Let's use subqueries to concentrate on these countries without using the specific values.

Exploring Outliers¶

In [5]:
%%sql
SELECT *
FROM facts
WHERE population == (SELECT MIN(population) FROM facts);
 * sqlite:///factbook.db
Done.
Out[5]:
id code name area area_land area_water population population_growth birth_rate death_rate migration_rate
250 ay Antarctica None 280000 None 0 None None None None

It seems like the table contains a row for Antarctica, which explains the population of 0. This seems to match the CIA Factbook page for Antarctica:

screenshot

In [6]:
%%sql
SELECT *
FROM facts
WHERE population == (SELECT MAX(population) FROM facts);
 * sqlite:///factbook.db
Done.
Out[6]:
id code name area area_land area_water population population_growth birth_rate death_rate migration_rate
261 xx World None None None 7256490011 1.08 18.6 7.8 None

We can see that the table contains a row for the whole world, which explains the maximum population of over 7.2 billion we found earlier.

Now that we know this, we should recalculate the summary statistics we calculated earlier, while excluding the row for the whole world.

Summary Statistics Revisited¶

In [7]:
%%sql
SELECT MIN(population) AS min_pop,
       MAX(population) AS max_pop,
       MIN(population_growth) AS min_pop_growth,
       MAX(population_growth) AS max_pop_growth
FROM facts
WHERE name != 'World';
 * sqlite:///factbook.db
Done.
Out[7]:
min_pop max_pop min_pop_growth max_pop_growth
0 1367485388 0.0 4.02

There's a country whose population closes in on 1.4 billion!

Exploring Average Population and Area¶

Let's explore density.

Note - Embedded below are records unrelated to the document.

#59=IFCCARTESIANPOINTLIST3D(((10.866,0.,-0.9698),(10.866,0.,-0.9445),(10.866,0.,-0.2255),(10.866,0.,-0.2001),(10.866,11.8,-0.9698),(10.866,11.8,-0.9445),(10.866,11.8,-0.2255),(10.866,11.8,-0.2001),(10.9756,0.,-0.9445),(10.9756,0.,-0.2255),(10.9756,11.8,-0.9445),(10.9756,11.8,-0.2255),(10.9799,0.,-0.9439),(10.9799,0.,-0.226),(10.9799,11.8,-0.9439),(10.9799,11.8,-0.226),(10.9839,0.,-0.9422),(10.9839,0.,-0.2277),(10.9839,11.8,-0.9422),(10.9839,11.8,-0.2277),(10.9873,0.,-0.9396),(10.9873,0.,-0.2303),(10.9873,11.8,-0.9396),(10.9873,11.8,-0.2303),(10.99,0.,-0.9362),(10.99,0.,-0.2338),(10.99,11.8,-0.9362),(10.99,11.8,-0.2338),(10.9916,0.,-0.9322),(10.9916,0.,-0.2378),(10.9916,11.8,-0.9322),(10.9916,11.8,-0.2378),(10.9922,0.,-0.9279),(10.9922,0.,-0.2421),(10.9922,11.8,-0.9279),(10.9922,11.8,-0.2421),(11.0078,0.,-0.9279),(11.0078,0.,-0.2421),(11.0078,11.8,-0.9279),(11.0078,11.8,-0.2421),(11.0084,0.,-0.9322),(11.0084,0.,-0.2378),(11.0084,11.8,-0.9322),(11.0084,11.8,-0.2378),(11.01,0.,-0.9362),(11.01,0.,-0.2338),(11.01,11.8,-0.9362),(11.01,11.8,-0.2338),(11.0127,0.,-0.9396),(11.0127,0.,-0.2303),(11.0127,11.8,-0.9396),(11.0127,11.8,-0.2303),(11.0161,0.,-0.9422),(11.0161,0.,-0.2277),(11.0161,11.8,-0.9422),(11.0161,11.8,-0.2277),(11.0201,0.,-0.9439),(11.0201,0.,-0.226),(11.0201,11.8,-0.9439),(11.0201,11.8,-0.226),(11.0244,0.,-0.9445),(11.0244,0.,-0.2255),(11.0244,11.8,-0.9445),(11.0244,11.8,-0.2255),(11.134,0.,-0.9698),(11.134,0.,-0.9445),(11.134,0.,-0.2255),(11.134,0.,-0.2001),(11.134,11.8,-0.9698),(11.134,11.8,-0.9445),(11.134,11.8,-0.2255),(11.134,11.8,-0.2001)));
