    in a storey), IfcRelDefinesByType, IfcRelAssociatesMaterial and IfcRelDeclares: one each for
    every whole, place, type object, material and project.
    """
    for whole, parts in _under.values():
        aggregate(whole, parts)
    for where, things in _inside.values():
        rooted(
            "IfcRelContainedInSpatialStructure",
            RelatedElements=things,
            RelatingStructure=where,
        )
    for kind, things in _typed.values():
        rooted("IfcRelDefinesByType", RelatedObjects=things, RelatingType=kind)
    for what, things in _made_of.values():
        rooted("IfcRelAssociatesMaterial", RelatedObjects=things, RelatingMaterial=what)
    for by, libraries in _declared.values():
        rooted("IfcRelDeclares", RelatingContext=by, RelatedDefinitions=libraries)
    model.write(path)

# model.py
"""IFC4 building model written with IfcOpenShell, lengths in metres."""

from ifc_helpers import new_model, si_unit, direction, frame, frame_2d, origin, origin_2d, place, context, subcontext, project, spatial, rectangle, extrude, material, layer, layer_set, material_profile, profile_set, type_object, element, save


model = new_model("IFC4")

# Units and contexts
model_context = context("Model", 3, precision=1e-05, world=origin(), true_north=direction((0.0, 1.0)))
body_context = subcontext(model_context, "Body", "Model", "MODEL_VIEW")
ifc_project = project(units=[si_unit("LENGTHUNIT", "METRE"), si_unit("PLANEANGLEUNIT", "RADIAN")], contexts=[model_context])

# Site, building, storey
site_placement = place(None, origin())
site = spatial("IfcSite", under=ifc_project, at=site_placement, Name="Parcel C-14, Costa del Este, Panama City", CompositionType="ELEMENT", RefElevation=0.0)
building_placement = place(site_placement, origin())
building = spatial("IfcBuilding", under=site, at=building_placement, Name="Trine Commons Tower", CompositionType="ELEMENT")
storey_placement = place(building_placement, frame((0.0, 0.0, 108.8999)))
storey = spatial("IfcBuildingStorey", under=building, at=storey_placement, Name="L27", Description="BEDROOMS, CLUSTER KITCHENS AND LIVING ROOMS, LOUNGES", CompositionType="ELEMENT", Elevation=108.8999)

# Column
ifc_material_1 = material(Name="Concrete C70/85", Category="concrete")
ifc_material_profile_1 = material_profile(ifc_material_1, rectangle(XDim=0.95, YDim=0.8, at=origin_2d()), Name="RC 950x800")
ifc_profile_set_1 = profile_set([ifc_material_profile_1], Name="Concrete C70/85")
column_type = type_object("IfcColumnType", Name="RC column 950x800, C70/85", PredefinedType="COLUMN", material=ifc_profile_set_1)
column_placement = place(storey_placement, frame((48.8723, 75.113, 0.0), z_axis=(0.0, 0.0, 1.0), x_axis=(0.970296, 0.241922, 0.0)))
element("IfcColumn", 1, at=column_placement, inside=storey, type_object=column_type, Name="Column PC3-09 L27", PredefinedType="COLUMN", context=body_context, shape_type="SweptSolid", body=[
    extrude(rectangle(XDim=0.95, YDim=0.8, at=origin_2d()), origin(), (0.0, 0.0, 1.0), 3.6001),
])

Density depends on the population and the country's area. Let's look at the average values for these two columns.

We should discard the row for the whole planet.

In [8]:
%%sql
SELECT AVG(population) AS avg_population, AVG(area) AS ave_area
FROM facts
WHERE name != 'World'
 * sqlite:///factbook.db
Done.
Out[8]:
avg_population ave_area
32242666.56846473 555093.546184739

We see that the average population is around 32 million and the average area is 555 thousand square kilometers.

Finding Densely Populated Countries¶

T to finish, we'll build on the query above to find countries that are densely populated. We'll identify countries that have the following:

  • Above-average values for population.
  • Below-average values for area.
In [9]:
%%sql
SELECT *
FROM facts
WHERE population > (SELECT AVG(population) FROM facts WHERE name!='World')
AND area < (SELECT AVG(area) FROM facts WHERE name!='World');
 * sqlite:///factbook.db
Done.
Out[9]:
id code name area area_land area_water population population_growth birth_rate death_rate migration_rate
14 bg Bangladesh 148460 130170 18290 168957745 1.6 21.14 5.61 0.46
65 gm Germany 357022 348672 8350 80854408 0.17 8.47 11.42 1.24
80 iz Iraq 438317 437367 950 37056169 2.93 31.45 3.77 1.62
83 it Italy 301340 294140 7200 61855120 0.27 8.74 10.19 4.1
85 ja Japan 377915 364485 13430 126919659 0.16 7.93 9.51 0.0
91 ks Korea, South 99720 96920 2800 49115196 0.14 8.19 6.75 0.0
120 mo Morocco 446550 446300 250 33322699 1.0 18.2 4.81 3.36
138 rp Philippines 300000 298170 1830 100998376 1.61 24.27 6.11 2.09
139 pl Poland 312685 304255 8430 38562189 0.09 9.74 10.19 0.46
163 sp Spain 505370 498980 6390 48146134 0.89 9.64 9.04 8.31
173 th Thailand 513120 510890 2230 67976405 0.34 11.19 7.8 0.0
182 ug Uganda 241038 197100 43938 37101745 3.24 43.79 10.69 0.74
185 uk United Kingdom 243610 241930 1680 64088222 0.54 12.17 9.35 2.54
192 vm Vietnam 331210 310070 21140 94348835 0.97 15.96 5.93 0.3

Some of these countries are generally known to be densely populated, so we have confidence in our results!